TIFFs, PDFs, or Neither: How to Select the Best Production Format

Through Rule 34(b) of the FRCP, the requesting party may select the form(s) of production based on the needs of the case. Though this flexibility better serves the client, it also begs a few important questions: What is the best form of production? Is there one right answer? Since there are multiple types of ESI, it’s hard to definitively say that one format type is superior. Arguably, any form is acceptable so long as it facilitates “orderly, efficient, and cost-effective discovery.” Requesting parties may ask for ESI to be produced in native, PDF, TIFF, or paper files. Determinations typically consider the production software’s capabilities as well as the resources accessible to the responding party. [1] The purpose of this article is to weigh the advantages and disadvantages of each type so that legal teams can make informed decisions in the future.

Production Options

  1. Native – As the often-preferred option, native files are produced in the same format in which the ESI was created.
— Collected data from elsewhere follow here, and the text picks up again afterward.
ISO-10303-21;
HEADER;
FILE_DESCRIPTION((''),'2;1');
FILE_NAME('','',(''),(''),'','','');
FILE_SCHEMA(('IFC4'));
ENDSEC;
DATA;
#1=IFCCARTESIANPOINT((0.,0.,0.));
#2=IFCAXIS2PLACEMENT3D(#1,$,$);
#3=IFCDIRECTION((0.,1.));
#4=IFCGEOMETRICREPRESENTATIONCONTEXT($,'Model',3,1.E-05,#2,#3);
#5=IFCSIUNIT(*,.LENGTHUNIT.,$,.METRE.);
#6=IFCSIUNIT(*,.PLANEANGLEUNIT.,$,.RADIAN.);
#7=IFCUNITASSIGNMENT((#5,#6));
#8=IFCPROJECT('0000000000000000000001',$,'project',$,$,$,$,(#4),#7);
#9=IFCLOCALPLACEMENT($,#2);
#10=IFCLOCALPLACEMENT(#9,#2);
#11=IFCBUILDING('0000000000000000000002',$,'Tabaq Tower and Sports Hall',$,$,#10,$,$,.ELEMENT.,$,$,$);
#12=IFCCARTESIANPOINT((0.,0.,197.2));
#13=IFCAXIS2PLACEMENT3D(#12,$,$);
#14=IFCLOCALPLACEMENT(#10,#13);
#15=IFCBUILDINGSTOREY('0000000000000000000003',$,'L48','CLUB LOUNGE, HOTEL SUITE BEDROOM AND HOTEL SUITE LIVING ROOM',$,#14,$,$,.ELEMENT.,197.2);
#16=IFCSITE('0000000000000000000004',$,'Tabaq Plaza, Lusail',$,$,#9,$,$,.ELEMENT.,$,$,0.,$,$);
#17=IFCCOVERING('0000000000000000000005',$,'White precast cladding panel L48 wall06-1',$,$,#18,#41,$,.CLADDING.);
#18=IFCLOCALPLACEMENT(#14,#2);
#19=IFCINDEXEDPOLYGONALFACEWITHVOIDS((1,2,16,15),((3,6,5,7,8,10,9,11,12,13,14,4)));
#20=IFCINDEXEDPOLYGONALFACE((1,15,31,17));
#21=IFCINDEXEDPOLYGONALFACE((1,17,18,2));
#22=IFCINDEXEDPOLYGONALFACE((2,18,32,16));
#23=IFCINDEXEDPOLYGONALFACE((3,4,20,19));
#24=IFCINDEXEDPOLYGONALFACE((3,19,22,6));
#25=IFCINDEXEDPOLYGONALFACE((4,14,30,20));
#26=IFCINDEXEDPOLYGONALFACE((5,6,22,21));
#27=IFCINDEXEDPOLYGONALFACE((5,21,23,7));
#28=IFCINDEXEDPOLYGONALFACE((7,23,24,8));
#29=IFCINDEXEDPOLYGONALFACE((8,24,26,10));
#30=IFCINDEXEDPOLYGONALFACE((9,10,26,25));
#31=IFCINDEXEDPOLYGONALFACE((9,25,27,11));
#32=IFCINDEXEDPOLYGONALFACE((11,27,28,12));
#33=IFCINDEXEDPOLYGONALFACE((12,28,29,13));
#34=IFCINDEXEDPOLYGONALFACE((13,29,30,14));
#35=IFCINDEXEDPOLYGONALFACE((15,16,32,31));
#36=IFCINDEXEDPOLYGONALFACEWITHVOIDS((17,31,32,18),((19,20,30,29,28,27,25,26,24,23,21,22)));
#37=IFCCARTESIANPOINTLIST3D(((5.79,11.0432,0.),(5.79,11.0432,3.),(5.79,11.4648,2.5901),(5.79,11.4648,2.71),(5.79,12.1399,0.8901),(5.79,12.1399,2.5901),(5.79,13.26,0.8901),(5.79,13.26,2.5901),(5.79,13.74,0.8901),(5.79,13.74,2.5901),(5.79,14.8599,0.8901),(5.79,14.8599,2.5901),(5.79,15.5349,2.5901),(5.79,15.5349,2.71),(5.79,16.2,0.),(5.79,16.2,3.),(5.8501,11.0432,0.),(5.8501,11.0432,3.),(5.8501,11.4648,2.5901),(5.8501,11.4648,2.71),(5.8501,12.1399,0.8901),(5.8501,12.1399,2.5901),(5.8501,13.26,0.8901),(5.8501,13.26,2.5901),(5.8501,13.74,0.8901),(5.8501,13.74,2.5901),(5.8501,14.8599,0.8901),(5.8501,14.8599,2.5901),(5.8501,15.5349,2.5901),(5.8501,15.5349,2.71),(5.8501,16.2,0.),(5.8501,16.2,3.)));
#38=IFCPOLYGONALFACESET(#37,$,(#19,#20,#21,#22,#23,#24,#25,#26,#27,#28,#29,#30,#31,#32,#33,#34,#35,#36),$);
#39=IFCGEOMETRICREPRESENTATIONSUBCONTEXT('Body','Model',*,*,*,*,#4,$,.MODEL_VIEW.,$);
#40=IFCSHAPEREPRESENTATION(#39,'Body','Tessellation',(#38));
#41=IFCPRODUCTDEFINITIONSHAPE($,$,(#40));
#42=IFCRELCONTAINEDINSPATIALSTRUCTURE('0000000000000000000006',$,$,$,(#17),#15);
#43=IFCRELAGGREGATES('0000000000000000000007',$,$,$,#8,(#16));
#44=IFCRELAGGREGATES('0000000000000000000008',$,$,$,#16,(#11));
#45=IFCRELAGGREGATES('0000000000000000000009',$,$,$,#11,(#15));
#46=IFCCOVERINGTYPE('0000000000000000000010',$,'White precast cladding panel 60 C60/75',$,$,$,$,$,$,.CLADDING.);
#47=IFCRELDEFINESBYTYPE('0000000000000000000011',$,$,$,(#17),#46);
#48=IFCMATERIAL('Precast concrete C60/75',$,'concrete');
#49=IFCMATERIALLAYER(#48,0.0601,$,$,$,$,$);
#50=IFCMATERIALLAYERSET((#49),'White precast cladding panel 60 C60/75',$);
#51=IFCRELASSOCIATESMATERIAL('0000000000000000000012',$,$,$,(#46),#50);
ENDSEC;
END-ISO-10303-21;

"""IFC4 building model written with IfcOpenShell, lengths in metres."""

from ifc_helpers import new_model, si_unit, direction, frame, origin, place, context, subcontext, project, spatial, polyline, outline, extrude, material, layer, layer_set, type_object, element, save


model = new_model("IFC4")

# Units and contexts
model_context = context("Model", 3, precision=1e-05, world=origin(), true_north=direction((0.0, 1.0)))
body_context = subcontext(model_context, "Body", "Model", "MODEL_VIEW")
ifc_project = project(units=[si_unit("LENGTHUNIT", "METRE"), si_unit("PLANEANGLEUNIT", "RADIAN")], contexts=[model_context])

# Site, building, storey
site_placement = place(None, origin())
site = spatial("IfcSite", under=ifc_project, at=site_placement, Name="Tabaq Plaza, Lusail", CompositionType="ELEMENT", RefElevation=0.0)
building_placement = place(site_placement, origin())
building = spatial("IfcBuilding", under=site, at=building_placement, Name="Tabaq Tower and Sports Hall", CompositionType="ELEMENT")
storey_placement = place(building_placement, frame((0.0, 0.0, 197.2)))
storey = spatial("IfcBuildingStorey", under=building, at=storey_placement, Name="L48", Description="CLUB LOUNGE, HOTEL SUITE BEDROOM AND HOTEL SUITE LIVING ROOM", CompositionType="ELEMENT", Elevation=197.2)

# Covering
ifc_material_1 = material(Name="Precast concrete C60/75", Category="concrete")
ifc_layer_1 = layer(ifc_material_1, 0.0601)
ifc_layer_set_1 = layer_set([ifc_layer_1], Name="White precast cladding panel 60 C60/75")
covering_type = type_object("IfcCoveringType", Name="White precast cladding panel 60 C60/75", PredefinedType="CLADDING", material=ifc_layer_set_1)
covering_placement = place(storey_placement, frame((5.8201, 16.2, 0.0), z_axis=(0.0, 0.0, 1.0), x_axis=(0.0, -1.0, 0.0)))
element("IfcCovering", 1, at=covering_placement, inside=storey, type_object=covering_type, Name="White precast cladding panel L48 wall06-1", PredefinedType="CLADDING", context=body_context, shape_type="SweptSolid", body=[
    extrude(outline(polyline([(0.0, 0.0), (5.1567, 0.0), (5.1567, 3.0), (0.0, 3.0), (0.0, 0.0)]), holes=[polyline([(1.3401, 2.5901), (0.665, 2.5901), (0.665, 2.71), (4.7351, 2.71), (4.7351, 2.5901), (4.0601, 2.5901), (4.0601, 0.8901), (2.9399, 0.8901), (2.9399, 2.5901), (2.46, 2.5901), (2.46, 0.8901), (1.3401, 0.8901), (1.3401, 2.5901)])]), frame((0.0, 0.03, 0.0), z_axis=(0.0, -1.0, 0.0), x_axis=(1.0, 0.0, 0.0)), (0.0, 0.0, 1.0), 0.0601),
])

save(model, "model.ifc")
Since native files require no conversions, they save litigants time and money. True natives also contain metadata and other information that TIFF and PDF files may lack. Litigants may also be interested in native files for their clear insights into dynamic content (such as comments and animations). TIFFs and PDFs can only process dynamic content through overlapping static images. This cluttered format is often confusing and hard to decipher. Though useful, litigants must be careful with the metadata and dynamic content because they may contain sensitive or privileged information. [2] Native files may seem like the superior choice, but they aren’t always an option. Unfortunately, some ESI types cannot be reviewed unless they are converted into a different form. Additionally, reviewers utilizing this format are unable to add labels or redactions to the individual pages.
  2. TIFF – TIFFs (tagged image format files) are black and white, single-paged conversions of native files. Controllable metadata fields, document-level text, and an image load file are included in this format. Though TIFFs are more expensive to produce than native files, they offer security in the fact that they cannot be manipulated. Other abilities that differentiate TIFFs include branding, numbering, and redacting information. [3] To be searchable, TIFFs must undergo Optical Character Recognition (OCR). OCR simply creates a text version of the TIFF document for searching purposes.
  3. PDFs – Similar to TIFFs, PDFs also produce ESI through static images. PDFs can become searchable in two ways. The reviewer may choose to simply save the file as a searchable document, or they can create an OCR to accompany the PDF. However, OCR cannot guarantee accurate search results for TIFFs or PDFs. [1] Advocates for PDFs cite the format’s universal compatibility, small file size, quick download speeds, clear imaging, and separate pages. [4]
  4. Paper – As the least expensive option, paper production may be used for physical documents or printing digital documents. Many litigants prefer to avoid paper productions because they don’t permit electronic review methods. All redactions and bates stamps must be completed manually. This may be okay for a case that involves a small amount of ESI. However, manually sorting and searching through thousands of documents is time-consuming and exhausting. Litigants who opt for this format also miss out on potentially relevant metadata. [3]

 

[1] Clinton P. Sanko and Cheryl Proctor, “The New E-Discovery Battle of the Forms,” For The Defense, 2007.

[2] “Native File,” Thomas Reuters Practical Law.

[3] Farrell Pritz P.C. “In What Format Should I Make My Production? And, Does Format Matter?” All About eDiscovery, May 30, 2019.

[4] “PDF vs. TIFF,” eDiscovery Navigator, February 13, 2007.